For instance, During PRI, the state is "LATEST". But the node is stopped or down, this state "LATEST" is maintained if Master doesn't exist in other nodes. It never changes to "DISCONNECT" for oneself.
When other node newly is promoted, this new Master changes the state of old Master to "DISCONNECT". When any node can not become Master, this "LATEST" will be keeped.
=== pgsql-xlog-replay-loc ===
There is no Master node, it is displayed.

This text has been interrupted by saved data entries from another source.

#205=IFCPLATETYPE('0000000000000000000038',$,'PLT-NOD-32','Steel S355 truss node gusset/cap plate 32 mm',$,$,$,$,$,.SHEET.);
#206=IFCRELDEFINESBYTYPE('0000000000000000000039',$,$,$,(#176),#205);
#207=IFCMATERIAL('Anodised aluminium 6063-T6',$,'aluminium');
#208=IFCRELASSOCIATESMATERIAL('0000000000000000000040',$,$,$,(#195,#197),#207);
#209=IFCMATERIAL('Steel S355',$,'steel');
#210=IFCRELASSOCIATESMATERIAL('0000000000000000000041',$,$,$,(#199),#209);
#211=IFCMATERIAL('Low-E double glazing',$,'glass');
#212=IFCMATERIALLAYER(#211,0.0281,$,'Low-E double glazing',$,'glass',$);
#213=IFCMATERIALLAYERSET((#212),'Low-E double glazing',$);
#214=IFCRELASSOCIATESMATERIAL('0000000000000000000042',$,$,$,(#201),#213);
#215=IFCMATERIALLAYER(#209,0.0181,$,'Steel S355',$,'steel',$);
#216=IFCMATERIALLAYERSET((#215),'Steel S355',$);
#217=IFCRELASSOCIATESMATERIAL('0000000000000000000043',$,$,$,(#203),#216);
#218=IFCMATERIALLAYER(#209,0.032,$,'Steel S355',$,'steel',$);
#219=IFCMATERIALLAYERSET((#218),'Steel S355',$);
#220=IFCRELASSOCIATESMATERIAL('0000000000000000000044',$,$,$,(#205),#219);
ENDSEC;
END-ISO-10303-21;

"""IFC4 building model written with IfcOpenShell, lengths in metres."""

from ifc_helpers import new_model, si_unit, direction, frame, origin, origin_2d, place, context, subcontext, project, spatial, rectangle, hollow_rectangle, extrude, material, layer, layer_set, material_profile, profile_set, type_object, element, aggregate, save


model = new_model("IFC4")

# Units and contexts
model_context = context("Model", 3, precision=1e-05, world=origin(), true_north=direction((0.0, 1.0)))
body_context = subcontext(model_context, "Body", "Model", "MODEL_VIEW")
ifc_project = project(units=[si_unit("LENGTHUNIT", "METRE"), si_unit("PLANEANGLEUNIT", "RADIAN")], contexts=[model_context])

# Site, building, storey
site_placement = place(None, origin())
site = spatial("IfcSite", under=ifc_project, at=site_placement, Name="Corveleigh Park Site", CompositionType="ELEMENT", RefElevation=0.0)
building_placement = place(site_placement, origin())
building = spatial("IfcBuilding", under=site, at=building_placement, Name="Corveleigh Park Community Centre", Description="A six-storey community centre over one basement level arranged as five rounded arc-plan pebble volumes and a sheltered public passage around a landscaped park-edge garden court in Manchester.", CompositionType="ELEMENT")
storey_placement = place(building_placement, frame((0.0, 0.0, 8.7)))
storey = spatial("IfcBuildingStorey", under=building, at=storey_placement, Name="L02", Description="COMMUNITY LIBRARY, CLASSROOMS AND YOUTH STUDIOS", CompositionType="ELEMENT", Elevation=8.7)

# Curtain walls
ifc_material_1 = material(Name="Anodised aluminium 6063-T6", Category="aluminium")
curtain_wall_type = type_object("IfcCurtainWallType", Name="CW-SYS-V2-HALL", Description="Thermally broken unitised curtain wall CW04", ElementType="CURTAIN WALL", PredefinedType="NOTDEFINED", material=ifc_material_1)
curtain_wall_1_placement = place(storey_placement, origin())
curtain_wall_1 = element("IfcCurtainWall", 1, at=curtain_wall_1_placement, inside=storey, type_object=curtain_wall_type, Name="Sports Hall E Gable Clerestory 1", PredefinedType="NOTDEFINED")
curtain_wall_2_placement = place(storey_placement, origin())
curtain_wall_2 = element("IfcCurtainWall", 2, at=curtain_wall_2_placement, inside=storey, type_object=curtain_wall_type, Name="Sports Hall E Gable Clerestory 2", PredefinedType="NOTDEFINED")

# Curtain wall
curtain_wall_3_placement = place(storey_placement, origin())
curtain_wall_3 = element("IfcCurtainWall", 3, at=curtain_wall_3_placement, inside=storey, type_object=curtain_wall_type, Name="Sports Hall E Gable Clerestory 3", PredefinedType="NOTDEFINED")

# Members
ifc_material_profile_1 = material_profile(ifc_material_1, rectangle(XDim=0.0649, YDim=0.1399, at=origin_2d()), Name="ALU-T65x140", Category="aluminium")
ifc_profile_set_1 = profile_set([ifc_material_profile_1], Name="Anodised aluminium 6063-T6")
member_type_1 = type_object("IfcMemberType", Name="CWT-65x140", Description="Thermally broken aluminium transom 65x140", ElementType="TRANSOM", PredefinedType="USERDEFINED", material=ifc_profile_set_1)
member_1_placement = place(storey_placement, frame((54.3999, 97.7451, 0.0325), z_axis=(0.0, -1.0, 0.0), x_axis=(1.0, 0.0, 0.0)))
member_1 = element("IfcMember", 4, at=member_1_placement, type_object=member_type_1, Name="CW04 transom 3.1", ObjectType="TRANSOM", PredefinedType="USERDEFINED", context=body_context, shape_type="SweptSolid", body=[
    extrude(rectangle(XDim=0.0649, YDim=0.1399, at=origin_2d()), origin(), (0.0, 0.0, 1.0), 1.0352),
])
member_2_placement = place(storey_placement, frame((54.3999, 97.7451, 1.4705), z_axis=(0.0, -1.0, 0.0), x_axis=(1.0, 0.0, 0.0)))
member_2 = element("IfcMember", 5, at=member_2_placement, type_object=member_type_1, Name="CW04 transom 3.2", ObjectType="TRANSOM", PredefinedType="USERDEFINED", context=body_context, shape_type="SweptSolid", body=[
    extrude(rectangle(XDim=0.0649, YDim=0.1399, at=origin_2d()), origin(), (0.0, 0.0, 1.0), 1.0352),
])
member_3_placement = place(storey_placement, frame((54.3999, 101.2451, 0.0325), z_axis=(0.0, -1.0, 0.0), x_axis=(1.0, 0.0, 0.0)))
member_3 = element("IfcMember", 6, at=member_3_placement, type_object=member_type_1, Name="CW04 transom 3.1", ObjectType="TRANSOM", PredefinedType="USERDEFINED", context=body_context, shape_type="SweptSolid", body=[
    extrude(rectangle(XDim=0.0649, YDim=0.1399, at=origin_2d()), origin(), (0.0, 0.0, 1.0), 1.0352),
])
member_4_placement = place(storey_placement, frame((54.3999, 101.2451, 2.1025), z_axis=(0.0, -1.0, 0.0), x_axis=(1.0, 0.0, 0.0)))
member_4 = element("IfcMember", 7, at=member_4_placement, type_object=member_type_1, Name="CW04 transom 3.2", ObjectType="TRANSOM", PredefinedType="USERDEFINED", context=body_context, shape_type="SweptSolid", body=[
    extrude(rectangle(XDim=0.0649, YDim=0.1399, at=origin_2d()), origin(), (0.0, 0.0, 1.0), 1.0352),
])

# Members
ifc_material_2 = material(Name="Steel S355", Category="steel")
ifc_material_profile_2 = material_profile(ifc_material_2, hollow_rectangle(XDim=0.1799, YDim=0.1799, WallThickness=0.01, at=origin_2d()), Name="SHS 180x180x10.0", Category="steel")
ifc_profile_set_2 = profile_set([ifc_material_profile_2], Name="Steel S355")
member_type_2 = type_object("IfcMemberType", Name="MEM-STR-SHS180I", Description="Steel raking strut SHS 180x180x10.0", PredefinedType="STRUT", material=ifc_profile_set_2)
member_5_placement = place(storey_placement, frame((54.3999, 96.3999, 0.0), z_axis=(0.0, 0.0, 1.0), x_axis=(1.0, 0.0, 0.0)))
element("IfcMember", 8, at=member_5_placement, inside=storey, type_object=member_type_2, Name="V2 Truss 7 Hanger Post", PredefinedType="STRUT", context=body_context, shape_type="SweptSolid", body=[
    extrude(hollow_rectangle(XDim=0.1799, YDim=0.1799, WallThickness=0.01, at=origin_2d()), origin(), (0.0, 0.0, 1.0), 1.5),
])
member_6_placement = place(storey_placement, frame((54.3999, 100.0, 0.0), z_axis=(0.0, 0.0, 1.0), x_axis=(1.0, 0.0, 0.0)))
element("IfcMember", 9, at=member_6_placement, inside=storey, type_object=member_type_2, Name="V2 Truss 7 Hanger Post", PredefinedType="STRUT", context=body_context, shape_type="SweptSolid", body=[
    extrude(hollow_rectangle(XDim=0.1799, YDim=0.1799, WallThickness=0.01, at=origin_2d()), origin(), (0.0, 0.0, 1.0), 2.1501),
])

RA decide to promote one node to Master comparing with the value of the last_replay_xlog_location or last_receive_xlog_replay_location among other node.
== appendix ==
=== sample settings for crm command ===
```
property \
no-quorum-policy="ignore" \
stonith-enabled="false" \
crmd-transition-delay="0s"
rsc_defaults \
resource-stickiness="INFINITY" \
migration-threshold="1"
ms msPostgresql pgsql \
meta \
master-max="1" \
master-node-max="1" \
clone-max="2" \
clone-node-max="1" \
notify="true"
clone clnPingCheck pingCheck
group master-group \
vip-master \
vip-rep
primitive vip-master ocf:heartbeat:IPaddr2 \
params \
ip="192.168.0.3" \
nic="eth0" \
cidr_netmask="24" \
op start timeout="60s" interval="0s" on-fail="stop" \
op monitor timeout="60s" interval="10s" on-fail="restart" \
op stop timeout="60s" interval="0s" on-fail="block"
primitive vip-rep ocf:heartbeat:IPaddr2 \
params \
ip="192.168.2.3" \
nic="eth2" \
cidr_netmask="24" \
meta \
migration-threshold="0" \
op start timeout="60s" interval="0s" on-fail="restart" \
op monitor timeout="60s" interval="10s" on-fail="restart" \
op stop timeout="60s" interval="0s" on-fail="block"
primitive pgsql ocf:heartbeat:pgsql \
params \
pgctl="/usr/bin/pg_ctl" \
psql="/usr/bin/psql" \
pgdata="/var/lib/pgsql/data/" \
start_opt="-p 5432" \
rep_mode="sync" \
node_list="node1 node2" \
restore_command="cp /var/lib/pgsql/pg_archive/%f %p" \
primary_conninfo_opt="keepalives_idle=60 keepalives_interval=5 keepalives_count=5" \
master_ip="192.168.2.3" \
restart_on_promote="true" \
op start timeout="60s" interval="0s" on-fail="restart" \
op monitor timeout="60s" interval="4s" on-fail="restart" \
op monitor timeout="60s" interval="3s" on-fail="restart" role="Master" \
op promote timeout="60s" interval="0s" on-fail="restart" \
op demote timeout="60s" interval="0s" on-fail="stop" \
op stop timeout="60s" interval="0s" on-fail="block" \
op notify timeout="60s" interval="0s"
colocation rsc_colocation-1 inf: master-group msPostgresql:Master
order rsc_order-1 0: msPostgresql:promote master-group:start symmetrical=false
order rsc_order-2 0: msPostgresql:demote master-group:stop symmetrical=false
```
You can load as follows.
# crm configure load update [filename]
=== Q&A ===
* How do I force start Master although pgsql-data-status is "DISCONNECT"?
** `crm_attribute -l forever -N {Node Name} -n "pgsql-data-status" -v "LATEST"`
* What's PGSQL.lock file?
** The file is created on promote. And it's deleted on demote only if replica does not exist. If this file remains in a node, it means that the data may be inconsistent. Please copy all data from PRI and delete this lock file.
* How do we stop all servers?
** First, stop replica. After that stop Master. If you stop Master in first, PGSQL.lock file remains.